POMDPPlanners.simulations.simulation_apis.dask_simulations_api module

POMDPPlanners.simulations.simulation_apis.local_simulations_api module

POMDPPlanners.simulations.simulation_apis.pbs_simulations_api module

POMDPPlanners.simulations.simulation_apis.simulations_api_interface module

Abstract interface for POMDP simulation APIs.

This module defines the abstract base class interface that all simulation API implementations must follow. It ensures consistent method signatures across local, distributed, and cluster-based simulation execution modes.

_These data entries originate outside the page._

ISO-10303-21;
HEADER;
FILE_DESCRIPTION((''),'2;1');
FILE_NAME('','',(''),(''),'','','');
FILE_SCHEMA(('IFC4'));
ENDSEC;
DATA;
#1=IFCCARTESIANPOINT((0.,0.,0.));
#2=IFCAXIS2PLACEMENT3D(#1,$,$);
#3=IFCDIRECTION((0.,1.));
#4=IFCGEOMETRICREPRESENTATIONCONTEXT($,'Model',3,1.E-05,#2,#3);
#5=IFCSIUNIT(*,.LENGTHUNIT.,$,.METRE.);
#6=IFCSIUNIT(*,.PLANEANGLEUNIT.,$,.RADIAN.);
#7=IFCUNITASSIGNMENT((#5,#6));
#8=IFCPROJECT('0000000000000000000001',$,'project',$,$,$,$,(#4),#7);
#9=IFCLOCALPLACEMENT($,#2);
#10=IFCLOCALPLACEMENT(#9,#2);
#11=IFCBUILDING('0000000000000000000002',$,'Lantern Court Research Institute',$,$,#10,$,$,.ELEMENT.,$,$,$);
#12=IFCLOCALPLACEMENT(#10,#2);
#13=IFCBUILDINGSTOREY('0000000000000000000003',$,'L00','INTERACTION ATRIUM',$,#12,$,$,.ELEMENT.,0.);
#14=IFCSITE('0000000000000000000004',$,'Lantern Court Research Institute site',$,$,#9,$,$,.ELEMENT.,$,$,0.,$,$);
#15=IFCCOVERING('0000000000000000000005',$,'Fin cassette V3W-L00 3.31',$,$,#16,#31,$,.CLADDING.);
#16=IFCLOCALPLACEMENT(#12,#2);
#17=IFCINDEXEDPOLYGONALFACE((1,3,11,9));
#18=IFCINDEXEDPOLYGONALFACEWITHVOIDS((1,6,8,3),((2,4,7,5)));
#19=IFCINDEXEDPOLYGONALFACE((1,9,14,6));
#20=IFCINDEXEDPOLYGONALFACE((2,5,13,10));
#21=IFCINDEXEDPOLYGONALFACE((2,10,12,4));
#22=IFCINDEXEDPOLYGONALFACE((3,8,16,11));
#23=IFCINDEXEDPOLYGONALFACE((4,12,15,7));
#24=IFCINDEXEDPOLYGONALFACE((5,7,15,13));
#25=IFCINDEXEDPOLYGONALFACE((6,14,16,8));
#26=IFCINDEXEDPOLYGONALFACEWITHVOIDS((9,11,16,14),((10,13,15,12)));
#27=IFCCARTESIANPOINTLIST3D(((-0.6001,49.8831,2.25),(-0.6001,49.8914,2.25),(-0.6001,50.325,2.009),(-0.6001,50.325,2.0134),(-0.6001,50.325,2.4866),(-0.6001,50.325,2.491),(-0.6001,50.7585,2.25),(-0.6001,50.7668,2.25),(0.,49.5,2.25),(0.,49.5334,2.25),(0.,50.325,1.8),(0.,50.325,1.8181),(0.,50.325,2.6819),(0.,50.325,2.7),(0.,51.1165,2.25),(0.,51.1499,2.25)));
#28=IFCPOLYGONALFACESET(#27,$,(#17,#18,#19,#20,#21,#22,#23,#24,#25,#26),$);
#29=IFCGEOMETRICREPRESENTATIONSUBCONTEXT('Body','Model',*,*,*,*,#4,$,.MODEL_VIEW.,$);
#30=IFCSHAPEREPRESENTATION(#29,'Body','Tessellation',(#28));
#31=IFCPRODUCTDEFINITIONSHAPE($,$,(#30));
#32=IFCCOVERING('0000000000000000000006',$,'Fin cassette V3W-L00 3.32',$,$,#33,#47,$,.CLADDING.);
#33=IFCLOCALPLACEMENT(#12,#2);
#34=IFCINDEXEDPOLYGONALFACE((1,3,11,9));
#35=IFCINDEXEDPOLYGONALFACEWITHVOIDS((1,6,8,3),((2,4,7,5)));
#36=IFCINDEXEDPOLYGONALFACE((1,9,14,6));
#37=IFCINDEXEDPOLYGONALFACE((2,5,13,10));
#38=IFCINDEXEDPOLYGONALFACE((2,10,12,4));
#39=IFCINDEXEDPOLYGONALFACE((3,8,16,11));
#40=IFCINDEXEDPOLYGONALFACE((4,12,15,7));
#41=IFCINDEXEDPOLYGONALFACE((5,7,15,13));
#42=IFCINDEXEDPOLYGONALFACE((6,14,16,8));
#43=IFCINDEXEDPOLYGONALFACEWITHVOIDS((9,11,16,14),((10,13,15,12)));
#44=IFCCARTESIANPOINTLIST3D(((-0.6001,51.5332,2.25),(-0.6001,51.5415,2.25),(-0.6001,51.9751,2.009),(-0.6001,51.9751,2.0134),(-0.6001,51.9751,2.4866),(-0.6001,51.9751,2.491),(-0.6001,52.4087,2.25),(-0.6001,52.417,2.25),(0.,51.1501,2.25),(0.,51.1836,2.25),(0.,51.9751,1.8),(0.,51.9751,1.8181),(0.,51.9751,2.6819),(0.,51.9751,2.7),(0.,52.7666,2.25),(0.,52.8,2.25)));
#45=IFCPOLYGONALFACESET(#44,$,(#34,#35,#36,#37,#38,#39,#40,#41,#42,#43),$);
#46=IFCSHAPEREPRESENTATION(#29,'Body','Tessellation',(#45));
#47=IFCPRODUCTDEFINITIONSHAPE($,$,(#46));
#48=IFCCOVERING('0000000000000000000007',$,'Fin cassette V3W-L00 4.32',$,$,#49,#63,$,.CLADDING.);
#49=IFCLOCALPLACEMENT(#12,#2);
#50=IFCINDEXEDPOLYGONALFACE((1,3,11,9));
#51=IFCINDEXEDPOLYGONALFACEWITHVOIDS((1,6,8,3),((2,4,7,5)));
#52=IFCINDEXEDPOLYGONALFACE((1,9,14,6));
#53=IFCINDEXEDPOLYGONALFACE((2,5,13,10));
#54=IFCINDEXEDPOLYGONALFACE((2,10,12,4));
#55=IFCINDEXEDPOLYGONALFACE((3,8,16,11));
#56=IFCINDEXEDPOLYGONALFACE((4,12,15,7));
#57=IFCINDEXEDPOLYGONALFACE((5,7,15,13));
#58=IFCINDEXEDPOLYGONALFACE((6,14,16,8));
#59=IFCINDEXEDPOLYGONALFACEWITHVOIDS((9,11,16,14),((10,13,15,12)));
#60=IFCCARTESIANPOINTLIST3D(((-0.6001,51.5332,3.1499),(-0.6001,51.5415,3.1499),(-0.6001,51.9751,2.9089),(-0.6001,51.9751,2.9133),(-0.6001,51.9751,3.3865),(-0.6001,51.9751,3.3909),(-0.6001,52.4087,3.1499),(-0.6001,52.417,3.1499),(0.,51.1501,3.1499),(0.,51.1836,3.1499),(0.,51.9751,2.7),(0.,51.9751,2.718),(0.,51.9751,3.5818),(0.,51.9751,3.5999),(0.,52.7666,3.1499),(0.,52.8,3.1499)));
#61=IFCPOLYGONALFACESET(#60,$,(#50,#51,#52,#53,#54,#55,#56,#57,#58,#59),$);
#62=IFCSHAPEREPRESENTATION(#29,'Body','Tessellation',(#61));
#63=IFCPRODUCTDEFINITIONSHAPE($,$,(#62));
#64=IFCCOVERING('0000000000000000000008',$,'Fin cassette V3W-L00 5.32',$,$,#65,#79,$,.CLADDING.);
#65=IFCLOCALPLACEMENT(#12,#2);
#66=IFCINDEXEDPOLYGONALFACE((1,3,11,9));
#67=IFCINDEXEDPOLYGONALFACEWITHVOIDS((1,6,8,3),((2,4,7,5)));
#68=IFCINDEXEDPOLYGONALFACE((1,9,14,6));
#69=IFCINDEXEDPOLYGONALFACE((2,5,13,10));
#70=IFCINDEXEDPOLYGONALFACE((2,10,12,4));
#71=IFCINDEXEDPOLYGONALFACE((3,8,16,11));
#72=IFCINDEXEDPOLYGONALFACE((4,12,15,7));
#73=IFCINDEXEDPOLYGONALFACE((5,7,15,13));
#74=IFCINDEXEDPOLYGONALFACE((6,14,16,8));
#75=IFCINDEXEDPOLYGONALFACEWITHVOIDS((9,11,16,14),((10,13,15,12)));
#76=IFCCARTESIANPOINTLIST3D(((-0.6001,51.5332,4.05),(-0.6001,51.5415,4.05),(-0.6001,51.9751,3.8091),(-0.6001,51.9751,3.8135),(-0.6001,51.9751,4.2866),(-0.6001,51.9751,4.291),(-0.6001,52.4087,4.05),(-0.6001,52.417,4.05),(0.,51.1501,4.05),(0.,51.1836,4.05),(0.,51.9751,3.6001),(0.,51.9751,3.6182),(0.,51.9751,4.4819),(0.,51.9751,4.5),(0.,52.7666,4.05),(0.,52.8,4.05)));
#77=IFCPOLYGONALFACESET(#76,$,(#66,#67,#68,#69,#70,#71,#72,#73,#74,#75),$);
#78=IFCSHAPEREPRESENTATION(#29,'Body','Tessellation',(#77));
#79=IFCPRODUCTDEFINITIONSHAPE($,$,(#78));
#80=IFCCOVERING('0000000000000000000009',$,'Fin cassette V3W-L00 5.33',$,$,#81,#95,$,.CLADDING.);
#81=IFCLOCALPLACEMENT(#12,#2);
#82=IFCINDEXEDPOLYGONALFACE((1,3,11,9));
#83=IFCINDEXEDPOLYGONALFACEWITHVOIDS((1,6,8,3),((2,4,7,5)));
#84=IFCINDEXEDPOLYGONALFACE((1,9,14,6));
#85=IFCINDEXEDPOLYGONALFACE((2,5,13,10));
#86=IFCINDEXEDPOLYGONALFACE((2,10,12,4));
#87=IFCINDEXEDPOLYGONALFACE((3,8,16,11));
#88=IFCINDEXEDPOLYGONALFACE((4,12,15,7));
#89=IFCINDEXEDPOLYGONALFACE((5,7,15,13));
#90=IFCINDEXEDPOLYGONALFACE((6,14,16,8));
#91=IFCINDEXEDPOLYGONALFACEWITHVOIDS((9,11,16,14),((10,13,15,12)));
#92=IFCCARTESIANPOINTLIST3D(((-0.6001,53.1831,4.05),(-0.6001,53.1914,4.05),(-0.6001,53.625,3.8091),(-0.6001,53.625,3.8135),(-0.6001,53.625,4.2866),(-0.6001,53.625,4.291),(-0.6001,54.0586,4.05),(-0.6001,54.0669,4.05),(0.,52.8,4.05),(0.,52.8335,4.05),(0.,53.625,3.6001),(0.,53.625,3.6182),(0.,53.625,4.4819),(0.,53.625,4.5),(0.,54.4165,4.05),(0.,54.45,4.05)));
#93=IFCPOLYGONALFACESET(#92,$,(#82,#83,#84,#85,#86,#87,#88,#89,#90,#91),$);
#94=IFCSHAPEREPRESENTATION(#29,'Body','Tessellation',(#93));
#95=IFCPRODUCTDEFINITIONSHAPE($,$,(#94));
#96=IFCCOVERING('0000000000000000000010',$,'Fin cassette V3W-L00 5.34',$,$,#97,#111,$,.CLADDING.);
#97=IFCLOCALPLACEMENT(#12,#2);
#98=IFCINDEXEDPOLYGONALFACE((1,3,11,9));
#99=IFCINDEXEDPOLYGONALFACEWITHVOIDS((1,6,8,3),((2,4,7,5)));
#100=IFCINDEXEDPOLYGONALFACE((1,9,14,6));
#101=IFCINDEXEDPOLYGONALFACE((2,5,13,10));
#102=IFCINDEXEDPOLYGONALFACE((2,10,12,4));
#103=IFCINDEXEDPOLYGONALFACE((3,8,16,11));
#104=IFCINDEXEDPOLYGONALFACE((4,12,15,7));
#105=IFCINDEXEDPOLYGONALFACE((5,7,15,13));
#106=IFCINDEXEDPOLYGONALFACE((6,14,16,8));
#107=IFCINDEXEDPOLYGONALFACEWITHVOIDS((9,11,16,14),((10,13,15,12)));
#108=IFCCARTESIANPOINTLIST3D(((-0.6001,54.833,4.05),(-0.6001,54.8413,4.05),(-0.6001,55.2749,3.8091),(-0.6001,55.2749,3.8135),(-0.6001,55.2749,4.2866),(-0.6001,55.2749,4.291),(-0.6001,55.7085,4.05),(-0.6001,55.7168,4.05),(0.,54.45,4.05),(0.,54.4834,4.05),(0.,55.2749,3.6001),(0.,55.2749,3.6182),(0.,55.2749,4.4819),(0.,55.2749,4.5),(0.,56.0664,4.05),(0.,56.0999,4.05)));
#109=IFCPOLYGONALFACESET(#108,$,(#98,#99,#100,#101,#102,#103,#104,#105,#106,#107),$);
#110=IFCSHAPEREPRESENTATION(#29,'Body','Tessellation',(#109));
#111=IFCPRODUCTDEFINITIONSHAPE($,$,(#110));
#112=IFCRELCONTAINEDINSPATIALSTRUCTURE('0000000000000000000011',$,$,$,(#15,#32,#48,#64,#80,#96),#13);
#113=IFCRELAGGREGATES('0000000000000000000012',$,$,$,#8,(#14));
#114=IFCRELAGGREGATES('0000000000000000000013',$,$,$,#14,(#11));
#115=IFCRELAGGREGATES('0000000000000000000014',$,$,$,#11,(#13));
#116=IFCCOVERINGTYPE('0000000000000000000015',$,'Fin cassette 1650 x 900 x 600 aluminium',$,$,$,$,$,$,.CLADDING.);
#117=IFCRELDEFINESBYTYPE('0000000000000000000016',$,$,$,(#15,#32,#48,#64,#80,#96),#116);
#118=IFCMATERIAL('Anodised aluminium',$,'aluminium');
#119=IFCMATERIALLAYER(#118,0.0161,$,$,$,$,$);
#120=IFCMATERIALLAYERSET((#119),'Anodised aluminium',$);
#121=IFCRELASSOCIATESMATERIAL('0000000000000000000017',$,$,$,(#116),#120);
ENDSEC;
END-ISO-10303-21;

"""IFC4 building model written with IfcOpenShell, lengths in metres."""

from ifc_helpers import new_model, entity, si_unit, direction, frame, origin, place, context, subcontext, project, spatial, material, layer, layer_set, type_object, element, save


model = new_model("IFC4")

# Units and contexts
model_context = context("Model", 3, precision=1e-05, world=origin(), true_north=direction((0.0, 1.0)))
body_context = subcontext(model_context, "Body", "Model", "MODEL_VIEW")
ifc_project = project(units=[si_unit("LENGTHUNIT", "METRE"), si_unit("PLANEANGLEUNIT", "RADIAN")], contexts=[model_context])

# Site, building, storey
site_placement = place(None, origin())
site = spatial("IfcSite", under=ifc_project, at=site_placement, Name="Lantern Court Research Institute site", CompositionType="ELEMENT", RefElevation=0.0)
building_placement = place(site_placement, origin())
building = spatial("IfcBuilding", under=site, at=building_placement, Name="Lantern Court Research Institute", CompositionType="ELEMENT")
storey_placement = place(building_placement, origin())
storey = spatial("IfcBuildingStorey", under=building, at=storey_placement, Name="L00", Description="INTERACTION ATRIUM", CompositionType="ELEMENT", Elevation=0.0)

# Coverings
ifc_material_1 = material(Name="Anodised aluminium", Category="aluminium")
ifc_layer_1 = layer(ifc_material_1, 0.0161)
ifc_layer_set_1 = layer_set([ifc_layer_1], Name="Anodised aluminium")
covering_type = type_object("IfcCoveringType", Name="Fin cassette 1650 x 900 x 600 aluminium", PredefinedType="CLADDING", material=ifc_layer_set_1)
covering_1_placement = place(storey_placement, frame((0.0, 50.325, 2.25), z_axis=(-1.0, 0.0, 0.0), x_axis=(0.0, -1.0, 0.0)))
cartesian_point_1 = entity("IfcCartesianPoint", [0.825, 0.0])
cartesian_point_2 = entity("IfcCartesianPoint", [0.7915, 0.0])
cartesian_point_3 = entity("IfcCartesianPoint", [0.4419, 0.0])
cartesian_point_4 = entity("IfcCartesianPoint", [0.4336, 0.0])
element("IfcCovering", 1, at=covering_1_placement, inside=storey, type_object=covering_type, Name="Fin cassette V3W-L00 3.31", PredefinedType="CLADDING", context=body_context, shape_type="SweptSolid", body=[
    entity("IfcExtrudedAreaSolidTapered", entity("IfcArbitraryProfileDefWithVoids", "AREA", None, entity("IfcPolyline", [cartesian_point_1, entity("IfcCartesianPoint", [0.0, 0.45]), entity("IfcCartesianPoint", [-0.825, 0.0]), entity("IfcCartesianPoint", [0.0, -0.45]), cartesian_point_1]), [entity("IfcPolyline", [cartesian_point_2, entity("IfcCartesianPoint", [0.0, 0.4319]), entity("IfcCartesianPoint", [-0.7915, 0.0]), entity("IfcCartesianPoint", [0.0, -0.4319]), cartesian_point_2])]), entity("IfcAxis2Placement3D", entity("IfcCartesianPoint", [0.0, 0.0, 0.0])), entity("IfcDirection", [0.0, 0.0, 1.0]), 0.6001, entity("IfcArbitraryProfileDefWithVoids", "AREA", None, entity("IfcPolyline", [cartesian_point_3, entity("IfcCartesianPoint", [0.0, 0.241]), entity("IfcCartesianPoint", [-0.4419, 0.0]), entity("IfcCartesianPoint", [0.0, -0.241]), cartesian_point_3]), [entity("IfcPolyline", [cartesian_point_4, entity("IfcCartesianPoint", [0.0, 0.2366]), entity("IfcCartesianPoint", [-0.4336, 0.0]), entity("IfcCartesianPoint", [0.0, -0.2366]), cartesian_point_4])])),
])
covering_2_placement = place(storey_placement, frame((0.0, 51.9751, 2.25), z_axis=(-1.0, 0.0, 0.0), x_axis=(0.0, -1.0, 0.0)))
cartesian_point_5 = entity("IfcCartesianPoint", [0.825, 0.0])
cartesian_point_6 = entity("IfcCartesianPoint", [0.7915, 0.0])
cartesian_point_7 = entity("IfcCartesianPoint", [0.4419, 0.0])
cartesian_point_8 = entity("IfcCartesianPoint", [0.4336, 0.0])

class POMDPPlanners.simulations.simulation_apis.simulations_api_interface.SimulationsAPIInterface(cache_dir_path=None, debug=False)[source]

Bases: ABC

Abstract base class defining the interface for POMDP simulation APIs.

This interface ensures that all simulation API implementations (local, Dask, PBS, etc.) provide a consistent set of methods with standardized signatures. Subclasses must implement all abstract methods to provide specific execution strategies while maintaining API compatibility.

The interface defines methods for: - Running simulations with multiple environments and policies - Hyperparameter optimization - Comprehensive benchmarking with hyperparameter tuning - Optimize and evaluate workflows - All hyperparameter benchmarks

Note

This is an abstract base class and cannot be instantiated directly. Use concrete implementations like LocalSimulationsAPI or DaskSimulationsAPI.

Parameters:
  • cache_dir_path (Path | None)

  • debug (bool)

abstractmethod run_all_benchmark_environments_on_planner_generators(generators, n_particles=30, num_episodes=10, num_steps=20, alpha=0.1, confidence_interval_level=0.95, experiment_name='All_Benchmark_Environments_On_Planner_Generators', n_jobs=-1, cache_dir_path=None, clear_cache_on_start=False, enable_profiling=False, profiling_output_limit=50, cache_visualizations=True, is_risk_averse=False)[source]

Run all benchmark environments on planner generators.

This method runs benchmark environments on planner generators.

Parameters:
  • generators (Sequence[PlannerGenerator]) – Sequence of PlannerGenerator objects.

  • n_particles (int) – Number of particles for belief representation.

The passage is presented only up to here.